J.H. Gillespie, Florida's golfing pioneer, in 1905 |
Gillespie was a true golfing pioneer in the state of Florida. He sold Henry Plant of Tampa on the value of golf as a Florida tourist attraction. Plant, who was investing in the tourism business in Florida, hired Gillespie to lay out courses for the Plant Investment Company. Gillespie designed courses at Winter Park, Tampa, Bellaire (Clearwater) and Havana, Cuba. Although the idea was spreading in Florida, there were not many golfers coming to Sarasota. Gillespie continued to promote the game and in 1905 he built a nine-hole course and a clubhouse on a 110-acre tract of land east of his old practice course. If you wanted to play this layout today, you would tee off near the corner of Golf and Links Streets; play through the Sarasota County Terrace Building down past the Ringling Shopping Center to about School Avenue; then turn and play down Fruitville Road, past Sarasota Bowling Lanes, through the Sarasota County Courthouse and finish near the corner of Golf and Main Street. Gillespie maintained the course at his own expense for five years. In 1910 Gillespie sold his course to Owen Burns. This would be Sarasota's only course until the 1920s.

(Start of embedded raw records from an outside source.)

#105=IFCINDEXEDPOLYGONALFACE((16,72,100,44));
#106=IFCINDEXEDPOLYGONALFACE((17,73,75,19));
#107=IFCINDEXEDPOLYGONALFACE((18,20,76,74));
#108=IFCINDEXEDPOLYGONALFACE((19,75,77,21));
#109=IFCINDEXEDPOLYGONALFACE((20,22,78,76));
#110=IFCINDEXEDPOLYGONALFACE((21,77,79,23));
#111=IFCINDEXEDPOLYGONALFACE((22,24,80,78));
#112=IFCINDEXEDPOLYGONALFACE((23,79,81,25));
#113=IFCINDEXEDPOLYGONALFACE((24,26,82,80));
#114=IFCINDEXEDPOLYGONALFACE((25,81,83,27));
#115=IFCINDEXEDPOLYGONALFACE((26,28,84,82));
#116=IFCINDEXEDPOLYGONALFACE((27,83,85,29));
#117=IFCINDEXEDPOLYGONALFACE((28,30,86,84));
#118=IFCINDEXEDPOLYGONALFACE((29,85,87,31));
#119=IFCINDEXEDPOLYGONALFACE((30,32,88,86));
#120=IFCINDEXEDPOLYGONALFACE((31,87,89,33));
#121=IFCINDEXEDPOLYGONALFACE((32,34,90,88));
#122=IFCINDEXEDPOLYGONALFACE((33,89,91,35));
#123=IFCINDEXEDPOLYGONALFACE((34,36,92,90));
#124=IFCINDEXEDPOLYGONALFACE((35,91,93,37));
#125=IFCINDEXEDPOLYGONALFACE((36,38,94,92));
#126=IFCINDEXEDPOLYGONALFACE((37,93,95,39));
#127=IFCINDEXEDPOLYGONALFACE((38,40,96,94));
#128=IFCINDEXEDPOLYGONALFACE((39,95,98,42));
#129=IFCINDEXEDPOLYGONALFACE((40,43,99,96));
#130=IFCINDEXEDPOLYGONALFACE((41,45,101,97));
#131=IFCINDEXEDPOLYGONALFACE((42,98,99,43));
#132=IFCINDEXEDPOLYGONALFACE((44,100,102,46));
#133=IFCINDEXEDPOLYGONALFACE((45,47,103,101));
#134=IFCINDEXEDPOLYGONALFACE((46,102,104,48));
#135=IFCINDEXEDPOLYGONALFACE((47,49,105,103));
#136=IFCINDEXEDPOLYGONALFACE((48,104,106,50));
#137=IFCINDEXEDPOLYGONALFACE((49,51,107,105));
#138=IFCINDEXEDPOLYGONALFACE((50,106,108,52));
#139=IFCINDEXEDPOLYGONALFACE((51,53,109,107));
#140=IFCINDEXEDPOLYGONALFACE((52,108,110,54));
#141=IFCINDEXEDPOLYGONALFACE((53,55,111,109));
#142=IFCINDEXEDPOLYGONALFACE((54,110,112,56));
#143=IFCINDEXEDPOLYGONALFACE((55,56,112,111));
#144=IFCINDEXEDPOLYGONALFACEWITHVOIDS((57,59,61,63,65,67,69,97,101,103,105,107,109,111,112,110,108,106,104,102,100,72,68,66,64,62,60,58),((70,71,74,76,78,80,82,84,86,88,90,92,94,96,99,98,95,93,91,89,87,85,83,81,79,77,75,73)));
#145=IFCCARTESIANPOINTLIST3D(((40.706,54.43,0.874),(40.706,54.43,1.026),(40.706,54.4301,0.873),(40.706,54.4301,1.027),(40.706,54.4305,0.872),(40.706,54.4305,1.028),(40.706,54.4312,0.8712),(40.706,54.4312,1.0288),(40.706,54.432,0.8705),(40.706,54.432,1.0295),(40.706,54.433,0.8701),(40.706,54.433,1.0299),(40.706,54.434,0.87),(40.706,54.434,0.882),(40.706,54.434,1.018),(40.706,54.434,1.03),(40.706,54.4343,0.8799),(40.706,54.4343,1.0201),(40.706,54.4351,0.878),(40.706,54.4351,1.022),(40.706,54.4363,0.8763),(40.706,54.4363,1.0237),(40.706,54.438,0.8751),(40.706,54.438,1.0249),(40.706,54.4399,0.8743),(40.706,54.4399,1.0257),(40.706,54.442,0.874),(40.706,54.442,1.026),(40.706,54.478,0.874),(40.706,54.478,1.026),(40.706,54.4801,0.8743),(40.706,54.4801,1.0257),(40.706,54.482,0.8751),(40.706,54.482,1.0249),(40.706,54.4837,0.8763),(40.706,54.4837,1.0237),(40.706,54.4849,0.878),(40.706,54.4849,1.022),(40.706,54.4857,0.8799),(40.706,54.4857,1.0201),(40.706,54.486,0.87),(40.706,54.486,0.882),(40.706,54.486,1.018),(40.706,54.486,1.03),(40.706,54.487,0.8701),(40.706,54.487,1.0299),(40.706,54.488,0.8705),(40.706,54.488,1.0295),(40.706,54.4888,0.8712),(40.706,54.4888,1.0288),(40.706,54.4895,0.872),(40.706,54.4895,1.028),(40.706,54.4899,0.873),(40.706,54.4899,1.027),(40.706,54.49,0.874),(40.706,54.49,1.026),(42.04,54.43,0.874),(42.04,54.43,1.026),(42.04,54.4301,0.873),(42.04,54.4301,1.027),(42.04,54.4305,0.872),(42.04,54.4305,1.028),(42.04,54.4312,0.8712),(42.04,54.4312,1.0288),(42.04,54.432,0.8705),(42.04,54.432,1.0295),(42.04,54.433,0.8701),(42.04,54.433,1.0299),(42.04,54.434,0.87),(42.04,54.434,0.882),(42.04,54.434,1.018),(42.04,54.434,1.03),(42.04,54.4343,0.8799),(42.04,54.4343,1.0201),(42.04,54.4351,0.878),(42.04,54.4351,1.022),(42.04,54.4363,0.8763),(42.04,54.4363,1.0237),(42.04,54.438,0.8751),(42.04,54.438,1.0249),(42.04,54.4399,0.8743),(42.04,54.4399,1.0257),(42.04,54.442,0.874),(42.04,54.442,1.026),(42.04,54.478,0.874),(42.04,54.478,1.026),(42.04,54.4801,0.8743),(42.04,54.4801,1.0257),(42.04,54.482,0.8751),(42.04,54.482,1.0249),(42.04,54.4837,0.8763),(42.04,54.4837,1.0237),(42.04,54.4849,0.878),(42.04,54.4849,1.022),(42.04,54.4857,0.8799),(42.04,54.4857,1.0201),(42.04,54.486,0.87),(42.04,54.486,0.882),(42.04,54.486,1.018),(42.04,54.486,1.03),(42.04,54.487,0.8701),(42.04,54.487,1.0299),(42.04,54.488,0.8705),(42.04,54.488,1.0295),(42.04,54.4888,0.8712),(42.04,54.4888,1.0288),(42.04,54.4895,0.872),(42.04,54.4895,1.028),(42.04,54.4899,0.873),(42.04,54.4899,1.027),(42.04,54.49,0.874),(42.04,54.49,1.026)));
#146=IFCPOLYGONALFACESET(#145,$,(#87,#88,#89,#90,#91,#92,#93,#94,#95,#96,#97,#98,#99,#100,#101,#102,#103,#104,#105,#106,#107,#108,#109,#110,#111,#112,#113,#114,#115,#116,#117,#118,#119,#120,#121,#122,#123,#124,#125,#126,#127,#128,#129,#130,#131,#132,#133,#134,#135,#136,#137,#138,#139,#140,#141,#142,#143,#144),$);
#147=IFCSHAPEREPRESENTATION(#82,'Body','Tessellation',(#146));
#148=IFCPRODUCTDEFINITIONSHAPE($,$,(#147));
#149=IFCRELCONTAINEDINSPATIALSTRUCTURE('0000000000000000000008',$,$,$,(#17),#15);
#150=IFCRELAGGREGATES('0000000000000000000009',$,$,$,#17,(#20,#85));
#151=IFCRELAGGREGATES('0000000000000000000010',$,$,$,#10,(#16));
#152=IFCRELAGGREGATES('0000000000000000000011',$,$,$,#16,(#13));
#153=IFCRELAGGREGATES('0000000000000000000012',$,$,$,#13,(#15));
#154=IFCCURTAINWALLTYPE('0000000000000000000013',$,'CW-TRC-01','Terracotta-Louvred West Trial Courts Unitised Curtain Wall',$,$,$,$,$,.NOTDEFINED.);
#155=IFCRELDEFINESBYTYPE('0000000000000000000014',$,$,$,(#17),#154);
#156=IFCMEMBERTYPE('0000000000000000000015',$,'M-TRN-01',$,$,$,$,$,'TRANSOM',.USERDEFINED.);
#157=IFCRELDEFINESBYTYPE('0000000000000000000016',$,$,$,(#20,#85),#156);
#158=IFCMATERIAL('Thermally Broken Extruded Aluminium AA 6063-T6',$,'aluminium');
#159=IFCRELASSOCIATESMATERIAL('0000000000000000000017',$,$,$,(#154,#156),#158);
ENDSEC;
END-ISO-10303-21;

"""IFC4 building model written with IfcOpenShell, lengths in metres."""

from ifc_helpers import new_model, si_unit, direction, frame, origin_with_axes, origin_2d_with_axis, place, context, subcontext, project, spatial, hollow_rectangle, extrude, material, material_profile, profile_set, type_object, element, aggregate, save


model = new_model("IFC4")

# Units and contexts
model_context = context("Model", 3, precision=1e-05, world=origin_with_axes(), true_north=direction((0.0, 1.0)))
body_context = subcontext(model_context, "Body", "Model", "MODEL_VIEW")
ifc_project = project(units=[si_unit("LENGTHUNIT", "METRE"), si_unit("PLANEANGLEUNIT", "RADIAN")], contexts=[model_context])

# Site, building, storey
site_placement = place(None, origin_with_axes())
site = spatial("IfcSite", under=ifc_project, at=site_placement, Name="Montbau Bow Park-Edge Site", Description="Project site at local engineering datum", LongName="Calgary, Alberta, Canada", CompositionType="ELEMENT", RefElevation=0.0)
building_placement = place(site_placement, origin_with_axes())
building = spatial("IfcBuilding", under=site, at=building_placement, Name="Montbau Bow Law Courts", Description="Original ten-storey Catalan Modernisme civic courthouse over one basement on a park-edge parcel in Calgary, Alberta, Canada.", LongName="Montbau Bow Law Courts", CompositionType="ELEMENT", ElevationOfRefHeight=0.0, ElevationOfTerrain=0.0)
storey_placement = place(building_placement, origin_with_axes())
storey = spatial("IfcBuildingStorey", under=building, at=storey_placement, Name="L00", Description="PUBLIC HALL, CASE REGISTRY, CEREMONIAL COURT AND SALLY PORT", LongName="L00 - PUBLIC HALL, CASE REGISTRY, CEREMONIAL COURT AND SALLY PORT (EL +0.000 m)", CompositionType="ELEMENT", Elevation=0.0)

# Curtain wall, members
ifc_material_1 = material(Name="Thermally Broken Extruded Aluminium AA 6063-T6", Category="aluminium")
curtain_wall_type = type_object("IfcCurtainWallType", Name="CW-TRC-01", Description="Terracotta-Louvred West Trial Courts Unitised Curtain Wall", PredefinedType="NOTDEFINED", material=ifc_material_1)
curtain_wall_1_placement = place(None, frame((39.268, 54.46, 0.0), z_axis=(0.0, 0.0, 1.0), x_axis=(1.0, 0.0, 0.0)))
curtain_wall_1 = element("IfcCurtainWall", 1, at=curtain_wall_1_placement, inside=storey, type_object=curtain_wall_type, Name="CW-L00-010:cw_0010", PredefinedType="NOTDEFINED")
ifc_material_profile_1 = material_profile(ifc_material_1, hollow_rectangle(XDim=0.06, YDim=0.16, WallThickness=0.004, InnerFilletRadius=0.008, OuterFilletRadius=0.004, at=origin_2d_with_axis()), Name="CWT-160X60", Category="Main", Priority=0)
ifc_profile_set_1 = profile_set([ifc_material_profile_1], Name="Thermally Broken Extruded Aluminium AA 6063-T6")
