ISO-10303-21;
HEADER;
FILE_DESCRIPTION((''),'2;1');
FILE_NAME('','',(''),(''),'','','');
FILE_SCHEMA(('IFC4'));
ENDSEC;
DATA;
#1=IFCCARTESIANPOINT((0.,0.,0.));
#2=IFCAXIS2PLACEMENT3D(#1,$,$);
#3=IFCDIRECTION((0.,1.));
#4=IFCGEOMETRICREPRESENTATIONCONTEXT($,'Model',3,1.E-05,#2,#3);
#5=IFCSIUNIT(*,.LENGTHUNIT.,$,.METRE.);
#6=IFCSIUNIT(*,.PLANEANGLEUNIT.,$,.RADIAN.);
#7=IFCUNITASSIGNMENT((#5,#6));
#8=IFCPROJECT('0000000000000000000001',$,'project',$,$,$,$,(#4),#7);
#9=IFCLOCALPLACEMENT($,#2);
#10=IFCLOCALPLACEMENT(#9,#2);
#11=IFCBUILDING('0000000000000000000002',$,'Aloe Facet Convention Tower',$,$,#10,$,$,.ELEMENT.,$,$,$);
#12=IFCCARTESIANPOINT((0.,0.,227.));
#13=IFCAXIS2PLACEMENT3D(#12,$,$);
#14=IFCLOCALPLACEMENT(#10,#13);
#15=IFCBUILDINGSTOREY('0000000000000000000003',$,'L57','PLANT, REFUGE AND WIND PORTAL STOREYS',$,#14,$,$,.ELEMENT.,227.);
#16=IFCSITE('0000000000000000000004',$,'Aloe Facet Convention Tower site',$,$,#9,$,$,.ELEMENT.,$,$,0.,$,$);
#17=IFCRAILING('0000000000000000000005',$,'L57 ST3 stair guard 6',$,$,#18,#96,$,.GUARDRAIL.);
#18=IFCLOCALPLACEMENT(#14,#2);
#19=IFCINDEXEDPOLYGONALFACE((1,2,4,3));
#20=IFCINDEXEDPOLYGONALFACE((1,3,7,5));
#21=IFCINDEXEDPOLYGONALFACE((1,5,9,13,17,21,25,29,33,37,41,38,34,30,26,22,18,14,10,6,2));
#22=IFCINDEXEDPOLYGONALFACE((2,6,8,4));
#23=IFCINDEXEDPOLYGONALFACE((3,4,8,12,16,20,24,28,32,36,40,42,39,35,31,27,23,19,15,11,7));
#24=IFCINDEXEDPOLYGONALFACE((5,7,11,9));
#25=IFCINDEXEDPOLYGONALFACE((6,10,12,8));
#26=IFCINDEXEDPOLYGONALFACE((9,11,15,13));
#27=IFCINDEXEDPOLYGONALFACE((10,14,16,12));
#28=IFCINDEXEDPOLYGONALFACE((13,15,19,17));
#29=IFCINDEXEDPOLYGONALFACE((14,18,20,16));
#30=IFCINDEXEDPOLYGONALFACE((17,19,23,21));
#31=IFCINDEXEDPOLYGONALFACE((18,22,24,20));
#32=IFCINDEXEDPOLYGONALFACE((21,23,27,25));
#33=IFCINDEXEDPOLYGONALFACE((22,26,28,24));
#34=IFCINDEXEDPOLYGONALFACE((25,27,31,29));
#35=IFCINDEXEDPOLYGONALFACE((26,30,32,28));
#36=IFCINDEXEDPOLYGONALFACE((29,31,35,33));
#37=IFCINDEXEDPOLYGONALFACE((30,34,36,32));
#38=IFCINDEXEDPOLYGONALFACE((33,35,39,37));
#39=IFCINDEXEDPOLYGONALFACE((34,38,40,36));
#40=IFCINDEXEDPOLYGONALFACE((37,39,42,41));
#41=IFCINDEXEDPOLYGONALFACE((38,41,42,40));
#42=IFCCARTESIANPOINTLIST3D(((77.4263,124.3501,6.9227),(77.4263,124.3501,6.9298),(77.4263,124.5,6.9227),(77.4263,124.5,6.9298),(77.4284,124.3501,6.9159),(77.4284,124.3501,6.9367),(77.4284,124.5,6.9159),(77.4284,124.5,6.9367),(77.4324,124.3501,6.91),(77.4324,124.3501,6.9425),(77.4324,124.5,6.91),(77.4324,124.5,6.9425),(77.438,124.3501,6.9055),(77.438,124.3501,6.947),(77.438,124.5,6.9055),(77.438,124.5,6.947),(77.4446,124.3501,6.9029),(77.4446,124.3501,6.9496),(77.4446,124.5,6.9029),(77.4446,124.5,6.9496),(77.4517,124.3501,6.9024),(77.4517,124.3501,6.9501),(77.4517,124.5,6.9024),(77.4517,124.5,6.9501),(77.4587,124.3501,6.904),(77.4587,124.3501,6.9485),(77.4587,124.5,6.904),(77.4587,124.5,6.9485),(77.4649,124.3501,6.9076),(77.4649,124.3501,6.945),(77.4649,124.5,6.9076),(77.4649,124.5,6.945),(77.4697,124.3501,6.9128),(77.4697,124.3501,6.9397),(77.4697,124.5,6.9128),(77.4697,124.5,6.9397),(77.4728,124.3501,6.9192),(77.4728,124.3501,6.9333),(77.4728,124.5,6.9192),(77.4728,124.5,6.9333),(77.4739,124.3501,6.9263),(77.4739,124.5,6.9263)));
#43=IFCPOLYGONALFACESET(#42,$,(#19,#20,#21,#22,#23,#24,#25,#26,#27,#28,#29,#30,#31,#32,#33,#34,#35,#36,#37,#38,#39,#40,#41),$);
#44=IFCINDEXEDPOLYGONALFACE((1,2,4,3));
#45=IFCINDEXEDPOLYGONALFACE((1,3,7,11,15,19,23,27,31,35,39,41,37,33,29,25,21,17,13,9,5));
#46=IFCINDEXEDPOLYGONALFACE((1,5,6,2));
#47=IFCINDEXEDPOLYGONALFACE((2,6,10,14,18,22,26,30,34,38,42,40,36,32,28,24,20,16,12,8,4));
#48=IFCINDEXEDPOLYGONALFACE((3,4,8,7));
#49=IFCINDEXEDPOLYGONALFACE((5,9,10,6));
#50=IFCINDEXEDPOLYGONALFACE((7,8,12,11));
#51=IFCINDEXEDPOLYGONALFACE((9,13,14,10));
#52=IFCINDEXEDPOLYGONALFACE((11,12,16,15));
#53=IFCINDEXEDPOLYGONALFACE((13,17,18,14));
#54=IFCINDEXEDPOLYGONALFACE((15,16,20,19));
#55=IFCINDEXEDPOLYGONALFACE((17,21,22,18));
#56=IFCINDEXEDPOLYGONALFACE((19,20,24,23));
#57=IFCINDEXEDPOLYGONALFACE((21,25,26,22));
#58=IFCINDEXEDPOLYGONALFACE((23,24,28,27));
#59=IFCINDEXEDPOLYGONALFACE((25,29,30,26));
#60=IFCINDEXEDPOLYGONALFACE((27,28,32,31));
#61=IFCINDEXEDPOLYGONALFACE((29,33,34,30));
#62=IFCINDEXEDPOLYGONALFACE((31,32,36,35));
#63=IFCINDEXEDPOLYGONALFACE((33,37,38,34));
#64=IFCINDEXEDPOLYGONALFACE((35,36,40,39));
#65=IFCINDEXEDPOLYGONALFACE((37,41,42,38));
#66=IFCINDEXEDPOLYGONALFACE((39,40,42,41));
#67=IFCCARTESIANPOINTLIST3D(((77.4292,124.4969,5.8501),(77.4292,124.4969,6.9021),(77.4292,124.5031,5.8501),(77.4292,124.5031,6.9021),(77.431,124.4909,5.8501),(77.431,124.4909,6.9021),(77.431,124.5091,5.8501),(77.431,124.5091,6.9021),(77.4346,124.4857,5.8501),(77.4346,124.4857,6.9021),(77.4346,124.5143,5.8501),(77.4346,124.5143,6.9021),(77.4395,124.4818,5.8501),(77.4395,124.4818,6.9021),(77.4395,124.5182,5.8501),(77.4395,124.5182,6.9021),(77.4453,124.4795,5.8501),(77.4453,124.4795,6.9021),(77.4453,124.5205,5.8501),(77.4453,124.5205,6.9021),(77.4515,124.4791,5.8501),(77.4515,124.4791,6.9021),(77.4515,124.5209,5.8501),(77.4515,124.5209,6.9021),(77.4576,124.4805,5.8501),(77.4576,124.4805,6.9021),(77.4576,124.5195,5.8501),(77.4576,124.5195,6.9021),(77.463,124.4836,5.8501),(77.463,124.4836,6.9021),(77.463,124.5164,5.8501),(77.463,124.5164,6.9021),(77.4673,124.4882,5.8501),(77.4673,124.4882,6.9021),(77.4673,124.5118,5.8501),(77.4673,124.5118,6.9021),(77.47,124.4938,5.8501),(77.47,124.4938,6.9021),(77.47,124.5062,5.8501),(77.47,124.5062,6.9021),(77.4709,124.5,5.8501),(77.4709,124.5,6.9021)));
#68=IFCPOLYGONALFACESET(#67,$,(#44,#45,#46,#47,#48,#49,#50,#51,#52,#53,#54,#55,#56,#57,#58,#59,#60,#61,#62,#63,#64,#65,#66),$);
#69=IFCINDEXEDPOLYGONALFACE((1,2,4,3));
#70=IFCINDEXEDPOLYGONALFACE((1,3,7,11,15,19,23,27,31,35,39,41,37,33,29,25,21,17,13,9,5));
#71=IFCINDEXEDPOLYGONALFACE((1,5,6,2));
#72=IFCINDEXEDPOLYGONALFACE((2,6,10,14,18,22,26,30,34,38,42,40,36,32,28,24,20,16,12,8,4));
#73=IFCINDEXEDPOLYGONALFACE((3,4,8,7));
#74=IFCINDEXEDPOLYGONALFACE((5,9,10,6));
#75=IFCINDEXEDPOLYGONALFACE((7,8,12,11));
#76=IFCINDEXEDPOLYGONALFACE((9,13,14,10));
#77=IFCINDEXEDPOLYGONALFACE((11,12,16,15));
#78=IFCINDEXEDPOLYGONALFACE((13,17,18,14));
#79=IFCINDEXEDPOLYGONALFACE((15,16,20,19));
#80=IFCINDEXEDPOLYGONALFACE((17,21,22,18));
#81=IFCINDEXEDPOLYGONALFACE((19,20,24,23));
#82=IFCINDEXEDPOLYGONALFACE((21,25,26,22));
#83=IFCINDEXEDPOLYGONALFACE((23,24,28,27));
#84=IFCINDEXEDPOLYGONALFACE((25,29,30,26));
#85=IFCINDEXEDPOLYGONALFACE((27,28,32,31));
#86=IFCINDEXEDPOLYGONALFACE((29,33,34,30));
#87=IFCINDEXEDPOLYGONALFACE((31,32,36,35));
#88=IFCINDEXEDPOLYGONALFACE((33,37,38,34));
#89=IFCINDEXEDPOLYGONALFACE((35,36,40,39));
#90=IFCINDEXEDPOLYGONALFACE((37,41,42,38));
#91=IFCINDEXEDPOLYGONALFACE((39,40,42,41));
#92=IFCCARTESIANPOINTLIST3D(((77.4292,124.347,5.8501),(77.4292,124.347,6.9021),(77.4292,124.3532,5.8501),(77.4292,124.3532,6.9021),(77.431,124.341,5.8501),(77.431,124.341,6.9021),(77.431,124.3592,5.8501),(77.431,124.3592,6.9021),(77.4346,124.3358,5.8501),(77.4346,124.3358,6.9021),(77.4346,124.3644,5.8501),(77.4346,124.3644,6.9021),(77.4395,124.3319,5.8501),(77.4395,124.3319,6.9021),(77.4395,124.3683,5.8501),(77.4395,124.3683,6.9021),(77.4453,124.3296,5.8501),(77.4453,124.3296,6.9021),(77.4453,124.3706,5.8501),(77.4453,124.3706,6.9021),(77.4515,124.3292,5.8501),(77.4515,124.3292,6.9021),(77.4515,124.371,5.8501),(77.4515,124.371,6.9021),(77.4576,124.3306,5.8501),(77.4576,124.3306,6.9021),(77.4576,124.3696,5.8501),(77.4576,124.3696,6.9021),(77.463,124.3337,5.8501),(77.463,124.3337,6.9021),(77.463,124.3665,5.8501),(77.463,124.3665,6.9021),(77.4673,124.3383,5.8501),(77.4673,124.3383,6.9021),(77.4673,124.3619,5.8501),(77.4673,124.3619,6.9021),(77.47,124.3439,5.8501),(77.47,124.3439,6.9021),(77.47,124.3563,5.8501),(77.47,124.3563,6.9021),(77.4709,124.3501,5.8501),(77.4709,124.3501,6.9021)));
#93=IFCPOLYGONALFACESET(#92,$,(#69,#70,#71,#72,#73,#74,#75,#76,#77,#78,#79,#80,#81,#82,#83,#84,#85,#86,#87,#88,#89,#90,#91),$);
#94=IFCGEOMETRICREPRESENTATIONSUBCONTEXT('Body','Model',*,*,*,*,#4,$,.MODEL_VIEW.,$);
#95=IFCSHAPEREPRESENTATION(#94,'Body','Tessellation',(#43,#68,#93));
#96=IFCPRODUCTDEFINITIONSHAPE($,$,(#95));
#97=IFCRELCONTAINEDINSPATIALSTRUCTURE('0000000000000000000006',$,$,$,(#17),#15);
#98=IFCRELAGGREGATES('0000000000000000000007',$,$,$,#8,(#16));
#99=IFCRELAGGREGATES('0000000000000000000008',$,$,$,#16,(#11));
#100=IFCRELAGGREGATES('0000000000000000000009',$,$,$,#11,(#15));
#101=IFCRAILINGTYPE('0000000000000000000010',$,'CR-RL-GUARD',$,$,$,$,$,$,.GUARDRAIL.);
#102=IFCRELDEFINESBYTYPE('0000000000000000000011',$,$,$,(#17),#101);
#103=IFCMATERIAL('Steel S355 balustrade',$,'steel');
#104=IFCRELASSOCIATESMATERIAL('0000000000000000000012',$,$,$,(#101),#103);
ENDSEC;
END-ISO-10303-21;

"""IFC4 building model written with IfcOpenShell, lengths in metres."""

from ifc_helpers import new_model, si_unit, direction, frame, origin, origin_2d, place, context, subcontext, project, spatial, circle, extrude, material, type_object, element, save


model = new_model("IFC4")

# Units and contexts
model_context = context("Model", 3, precision=1e-05, world=origin(), true_north=direction((0.0, 1.0)))
body_context = subcontext(model_context, "Body", "Model", "MODEL_VIEW")
ifc_project = project(units=[si_unit("LENGTHUNIT", "METRE"), si_unit("PLANEANGLEUNIT", "RADIAN")], contexts=[model_context])

# Site, building, storey
site_placement = place(None, origin())
site = spatial("IfcSite", under=ifc_project, at=site_placement, Name="Aloe Facet Convention Tower site", CompositionType="ELEMENT", RefElevation=0.0)
building_placement = place(site_placement, origin())
building = spatial("IfcBuilding", under=site, at=building_placement, Name="Aloe Facet Convention Tower", CompositionType="ELEMENT")
storey_placement = place(building_placement, frame((0.0, 0.0, 227.0)))
storey = spatial("IfcBuildingStorey", under=building, at=storey_placement, Name="L57", Description="PLANT, REFUGE AND WIND PORTAL STOREYS", CompositionType="ELEMENT", Elevation=227.0)

# Railing
ifc_material_1 = material(Name="Steel S355 balustrade", Category="steel")
railing_type_1 = type_object("IfcRailingType", Name="CR-RL-GUARD", PredefinedType="GUARDRAIL", material=ifc_material_1)
railing_1_placement = place(storey_placement, frame((77.45, 124.5, 5.8501)))
element("IfcRailing", 1, at=railing_1_placement, inside=storey, type_object=railing_type_1, Name="L57 ST3 stair guard 6", PredefinedType="GUARDRAIL", context=body_context, shape_type="SweptSolid", body=[
    extrude(circle(Radius=0.0239, at=origin_2d()), frame((0.0, 0.0, 1.0762), z_axis=(0.0, -1.0, 0.0), x_axis=(1.0, 0.0, 0.0)), (0.0, 0.0, 1.0), 0.1499),
    extrude(circle(Radius=0.021, at=origin_2d()), origin(), (0.0, 0.0, 1.0), 1.052),
    extrude(circle(Radius=0.021, at=origin_2d()), frame((0.0, -0.1499, 0.0)), (0.0, 0.0, 1.0), 1.052),
])

save(model, "model.ifc")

On June 7, 1924, the Gillespie Golf Course, owned by the Sarasota Golf Holding Company, was sold to Charles Ringling. Ringling had plans to build the Sarasota Terrace Hotel on the site. This left Sarasota without a golf course. At the time, the Florida Land Boom was on and the population of Sarasota was growing dramatically. To help build a golf course fast, Calvin Payne agreed to sell 14 acres of land to help pay for a municipal golf course. The sale brought about $150,000 and it was used as a down payment on 290 acres about 2 ½ miles northeast of the courthouse. This tract of land was purchased from Honore and Potter Palmer and the East Land Company. To finish paying for the land, and to build the course, the City of Sarasota approved a $150,000 bond issue on July 9, 1925.
The City of Sarasota enlisted noted golf course designer Donald Ross to design a signature course. Ross had designed the Whitfield Estates County Club (presently the Sara Bay Country Club), an 18-hole course that opened in December 1925. The city's new municipal course opened in Sarasota, June 5, 1927. The course was dedicated by the great golfer Bobby Jones on February 13, 1927. Afterwards, the city decided to name the course after Bobby Jones to give it "prestige." Colonel Gillespie never saw the Whitfield Estates Country Club or Bobby Jones course. He died of a heart attack on his nine hole course on September 7, 1923. In 1977, the City of Sarasota named the nine-hole course at Bobby Jones Complex after John Hamilton Gillespie.